Friday 10 October 2008

Blogs : EU In The Mess Update 10th October

Frosty relations in the north Atlantic. P O Neill, A Fistful of Euros (en)
" ... Asset freezes. Threats of litigation. Expressions of mystification about the intentions of a foreign government. The latest round with another axis of evil country? No: the current state of relations between the UK and Iceland ..."

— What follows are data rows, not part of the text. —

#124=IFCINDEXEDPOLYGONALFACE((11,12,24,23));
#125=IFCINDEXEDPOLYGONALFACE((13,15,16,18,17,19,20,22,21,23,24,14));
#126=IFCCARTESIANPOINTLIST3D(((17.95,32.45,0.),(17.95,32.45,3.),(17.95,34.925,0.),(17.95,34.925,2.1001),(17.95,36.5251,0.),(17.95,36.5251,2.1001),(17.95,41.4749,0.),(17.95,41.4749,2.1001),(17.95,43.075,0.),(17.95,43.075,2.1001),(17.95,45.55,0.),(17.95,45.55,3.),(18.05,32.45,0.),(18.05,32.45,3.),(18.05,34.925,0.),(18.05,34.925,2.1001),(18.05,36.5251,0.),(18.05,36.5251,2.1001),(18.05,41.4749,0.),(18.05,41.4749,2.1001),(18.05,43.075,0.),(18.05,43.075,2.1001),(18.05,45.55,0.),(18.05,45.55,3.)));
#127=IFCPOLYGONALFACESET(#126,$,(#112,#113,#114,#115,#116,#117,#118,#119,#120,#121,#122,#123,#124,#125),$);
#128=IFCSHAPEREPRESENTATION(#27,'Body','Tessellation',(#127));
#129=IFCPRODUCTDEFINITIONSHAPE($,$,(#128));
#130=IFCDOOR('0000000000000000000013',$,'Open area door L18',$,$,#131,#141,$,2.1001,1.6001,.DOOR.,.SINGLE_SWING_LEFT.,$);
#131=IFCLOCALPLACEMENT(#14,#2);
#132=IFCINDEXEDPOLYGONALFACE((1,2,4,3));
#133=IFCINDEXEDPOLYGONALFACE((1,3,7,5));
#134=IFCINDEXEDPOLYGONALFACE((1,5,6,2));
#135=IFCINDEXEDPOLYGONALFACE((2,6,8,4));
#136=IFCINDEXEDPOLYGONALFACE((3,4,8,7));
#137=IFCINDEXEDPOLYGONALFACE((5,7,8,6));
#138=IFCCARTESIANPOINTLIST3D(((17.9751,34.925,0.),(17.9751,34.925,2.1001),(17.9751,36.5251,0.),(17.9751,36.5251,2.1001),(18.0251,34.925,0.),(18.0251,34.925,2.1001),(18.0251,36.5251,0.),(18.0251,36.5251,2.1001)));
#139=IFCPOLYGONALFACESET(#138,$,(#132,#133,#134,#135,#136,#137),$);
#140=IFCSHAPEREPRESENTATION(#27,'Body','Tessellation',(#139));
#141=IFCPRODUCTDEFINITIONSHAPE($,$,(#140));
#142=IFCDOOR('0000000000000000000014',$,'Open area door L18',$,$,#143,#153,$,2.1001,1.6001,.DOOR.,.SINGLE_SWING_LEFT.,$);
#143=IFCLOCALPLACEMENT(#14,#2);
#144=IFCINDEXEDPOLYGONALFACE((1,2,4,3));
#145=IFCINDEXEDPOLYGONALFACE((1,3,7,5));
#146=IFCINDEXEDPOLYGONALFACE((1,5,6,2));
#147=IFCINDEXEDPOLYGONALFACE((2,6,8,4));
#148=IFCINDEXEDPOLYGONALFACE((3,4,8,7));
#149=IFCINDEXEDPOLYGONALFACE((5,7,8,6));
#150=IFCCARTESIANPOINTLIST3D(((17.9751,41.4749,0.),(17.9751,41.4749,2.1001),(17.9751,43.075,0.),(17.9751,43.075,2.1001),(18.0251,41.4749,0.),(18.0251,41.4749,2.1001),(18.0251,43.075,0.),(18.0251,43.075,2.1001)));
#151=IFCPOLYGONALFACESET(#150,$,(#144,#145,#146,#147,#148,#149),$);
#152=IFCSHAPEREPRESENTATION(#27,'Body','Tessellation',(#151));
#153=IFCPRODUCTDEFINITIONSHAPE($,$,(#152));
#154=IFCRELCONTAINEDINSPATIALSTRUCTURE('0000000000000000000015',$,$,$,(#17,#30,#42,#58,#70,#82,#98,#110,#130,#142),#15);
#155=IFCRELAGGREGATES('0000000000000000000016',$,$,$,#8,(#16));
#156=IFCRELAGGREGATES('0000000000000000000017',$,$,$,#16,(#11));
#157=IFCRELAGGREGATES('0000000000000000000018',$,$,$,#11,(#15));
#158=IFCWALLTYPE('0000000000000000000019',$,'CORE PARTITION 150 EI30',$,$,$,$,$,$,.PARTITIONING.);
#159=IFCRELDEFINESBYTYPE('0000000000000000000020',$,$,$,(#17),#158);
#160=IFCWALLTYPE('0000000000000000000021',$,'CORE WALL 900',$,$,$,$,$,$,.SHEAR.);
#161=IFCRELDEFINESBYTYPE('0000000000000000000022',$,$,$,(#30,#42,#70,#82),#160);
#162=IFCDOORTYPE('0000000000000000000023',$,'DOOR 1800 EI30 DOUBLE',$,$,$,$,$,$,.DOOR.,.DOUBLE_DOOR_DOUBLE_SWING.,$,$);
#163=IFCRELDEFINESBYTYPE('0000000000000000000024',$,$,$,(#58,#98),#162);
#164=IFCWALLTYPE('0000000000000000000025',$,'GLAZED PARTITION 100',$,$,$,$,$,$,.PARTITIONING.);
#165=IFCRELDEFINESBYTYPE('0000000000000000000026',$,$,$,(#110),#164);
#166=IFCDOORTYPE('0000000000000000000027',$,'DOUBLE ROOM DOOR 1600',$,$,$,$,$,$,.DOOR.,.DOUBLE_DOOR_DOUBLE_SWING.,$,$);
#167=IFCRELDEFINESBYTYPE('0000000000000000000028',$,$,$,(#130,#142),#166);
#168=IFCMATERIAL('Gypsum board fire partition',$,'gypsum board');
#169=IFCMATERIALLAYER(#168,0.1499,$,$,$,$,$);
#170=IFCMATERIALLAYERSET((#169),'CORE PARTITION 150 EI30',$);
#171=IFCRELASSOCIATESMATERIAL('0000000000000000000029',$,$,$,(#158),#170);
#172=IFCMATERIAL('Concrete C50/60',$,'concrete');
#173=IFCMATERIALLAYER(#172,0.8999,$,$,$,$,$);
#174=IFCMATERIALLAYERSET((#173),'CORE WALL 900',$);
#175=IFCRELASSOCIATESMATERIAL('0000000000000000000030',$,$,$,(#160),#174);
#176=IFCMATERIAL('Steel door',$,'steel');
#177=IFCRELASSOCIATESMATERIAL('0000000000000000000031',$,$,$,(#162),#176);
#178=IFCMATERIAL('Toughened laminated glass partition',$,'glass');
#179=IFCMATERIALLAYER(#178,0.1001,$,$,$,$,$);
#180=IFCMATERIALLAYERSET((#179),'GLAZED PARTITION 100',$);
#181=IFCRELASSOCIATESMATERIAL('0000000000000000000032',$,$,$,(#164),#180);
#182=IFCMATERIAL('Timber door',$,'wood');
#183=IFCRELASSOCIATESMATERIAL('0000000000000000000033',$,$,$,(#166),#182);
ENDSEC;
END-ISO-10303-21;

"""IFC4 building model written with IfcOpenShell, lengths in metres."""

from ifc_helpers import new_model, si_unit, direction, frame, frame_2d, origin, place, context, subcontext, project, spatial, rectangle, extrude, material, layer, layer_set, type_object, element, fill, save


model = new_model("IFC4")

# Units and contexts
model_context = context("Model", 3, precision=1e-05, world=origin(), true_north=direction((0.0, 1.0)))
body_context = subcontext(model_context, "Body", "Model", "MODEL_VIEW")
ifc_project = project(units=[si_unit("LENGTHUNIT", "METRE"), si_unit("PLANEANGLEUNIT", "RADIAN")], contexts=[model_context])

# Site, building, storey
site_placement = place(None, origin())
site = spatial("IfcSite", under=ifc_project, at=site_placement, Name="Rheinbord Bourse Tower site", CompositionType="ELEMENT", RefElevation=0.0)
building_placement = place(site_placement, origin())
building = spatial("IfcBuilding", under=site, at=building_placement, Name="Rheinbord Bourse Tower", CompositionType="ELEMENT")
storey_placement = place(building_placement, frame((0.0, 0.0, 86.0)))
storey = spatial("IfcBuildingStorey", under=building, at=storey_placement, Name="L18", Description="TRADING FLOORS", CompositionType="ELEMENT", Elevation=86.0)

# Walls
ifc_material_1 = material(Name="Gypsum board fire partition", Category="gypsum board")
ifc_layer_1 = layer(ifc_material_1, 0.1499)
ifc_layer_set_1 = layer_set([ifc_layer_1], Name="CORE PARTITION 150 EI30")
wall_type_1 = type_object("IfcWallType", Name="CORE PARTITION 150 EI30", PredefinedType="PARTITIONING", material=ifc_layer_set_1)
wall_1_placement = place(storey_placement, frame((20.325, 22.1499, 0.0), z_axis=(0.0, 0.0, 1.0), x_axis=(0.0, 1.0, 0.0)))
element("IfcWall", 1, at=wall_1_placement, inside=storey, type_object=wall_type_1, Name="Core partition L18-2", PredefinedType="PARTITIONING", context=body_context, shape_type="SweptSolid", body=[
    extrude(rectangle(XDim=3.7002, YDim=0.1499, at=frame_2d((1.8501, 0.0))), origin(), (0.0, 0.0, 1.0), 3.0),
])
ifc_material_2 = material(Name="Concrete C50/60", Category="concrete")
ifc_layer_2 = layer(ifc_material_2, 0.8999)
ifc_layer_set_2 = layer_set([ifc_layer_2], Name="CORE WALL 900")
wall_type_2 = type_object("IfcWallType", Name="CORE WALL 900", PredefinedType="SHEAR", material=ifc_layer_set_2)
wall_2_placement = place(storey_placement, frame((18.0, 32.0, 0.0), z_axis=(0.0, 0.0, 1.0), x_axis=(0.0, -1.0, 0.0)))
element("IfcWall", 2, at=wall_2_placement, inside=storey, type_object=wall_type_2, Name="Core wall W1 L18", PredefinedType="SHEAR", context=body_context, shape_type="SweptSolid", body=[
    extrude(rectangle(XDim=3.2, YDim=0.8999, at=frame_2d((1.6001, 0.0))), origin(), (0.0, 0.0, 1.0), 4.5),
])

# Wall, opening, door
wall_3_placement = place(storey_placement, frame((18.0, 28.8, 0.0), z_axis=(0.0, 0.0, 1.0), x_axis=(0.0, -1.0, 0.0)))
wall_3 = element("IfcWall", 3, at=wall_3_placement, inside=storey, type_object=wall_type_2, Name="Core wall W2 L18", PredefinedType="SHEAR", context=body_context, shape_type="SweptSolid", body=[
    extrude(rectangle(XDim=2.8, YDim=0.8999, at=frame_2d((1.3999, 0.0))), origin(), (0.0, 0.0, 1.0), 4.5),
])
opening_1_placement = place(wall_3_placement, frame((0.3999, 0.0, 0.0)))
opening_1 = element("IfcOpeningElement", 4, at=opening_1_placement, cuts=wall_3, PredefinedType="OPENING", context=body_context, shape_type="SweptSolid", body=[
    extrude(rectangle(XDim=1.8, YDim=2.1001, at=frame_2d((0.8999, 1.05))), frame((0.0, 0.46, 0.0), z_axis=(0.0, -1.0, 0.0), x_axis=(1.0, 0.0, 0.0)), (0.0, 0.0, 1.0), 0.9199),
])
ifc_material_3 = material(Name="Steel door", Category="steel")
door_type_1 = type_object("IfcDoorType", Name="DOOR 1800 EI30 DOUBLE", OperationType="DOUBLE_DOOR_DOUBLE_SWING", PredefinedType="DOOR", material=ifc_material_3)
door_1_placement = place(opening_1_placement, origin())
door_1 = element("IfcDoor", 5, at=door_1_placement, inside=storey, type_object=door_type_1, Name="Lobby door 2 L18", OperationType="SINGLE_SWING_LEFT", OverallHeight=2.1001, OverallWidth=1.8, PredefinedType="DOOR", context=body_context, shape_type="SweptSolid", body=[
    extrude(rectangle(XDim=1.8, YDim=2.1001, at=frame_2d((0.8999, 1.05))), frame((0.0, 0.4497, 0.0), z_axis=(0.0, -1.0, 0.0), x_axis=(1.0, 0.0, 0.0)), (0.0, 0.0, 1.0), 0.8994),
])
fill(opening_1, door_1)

Follow me! Richard, EUReferendum (en)
" ... Meanwhile, Tony McNulty, the employment minister, admitted that Britain was heading for a recession. Ministers said contingency plans were being drawn up to cope with large-scale unemployment, including more "rapid response" teams to be sent to the worst hit areas. Commentators are saying the world is "on a knife-edge". And Gordon Brown says the rest of the world should follow "his" example. Funnily enough ... immediately after its headline report on the financial situation, the BBC Radio 4 Today programme ran a feature on "Dr Death" who is in London to promote his do-it-yourself suicide kit ..."

A fascinating insight. Richard, EUReferendum (en)
" ... commercial banks made it impossible for the FSA to understand their business by embarking on ever more complex schemes and developing more and more complex products. The regulator could not keep pace. It could not hire people with the necessarily extraordinary skill base to evaluate the risks in these hideous products. Essentially the FSA could not regulate the unregulatable. But, concludes Moulton, "It's obvious now - the FSA should have stopped banks from doing these absurd things." ..."

Hungary in Danger of Bankrupcy. Dodo, European Tribune (en)
" ... Experts and the national bank claim that Hungary's financial situation is still sound and can weather the storm, and that we are seeing collateral damage from the global panic. Still, one hard fact remains: in the credit crunch, countries with higher budget deficits will have a hard time finding financing ...
... Hungary suffered a runaway budget deficit in recent years, peaking at 9.2% of GDP in 2006 (see Eurostat). It was just reduced to an expected 3.5% of GDP this year.
But, in a crisis, investors will pull back to the safest assets, so even -3.5% with positive trend may not seem as manageable ..."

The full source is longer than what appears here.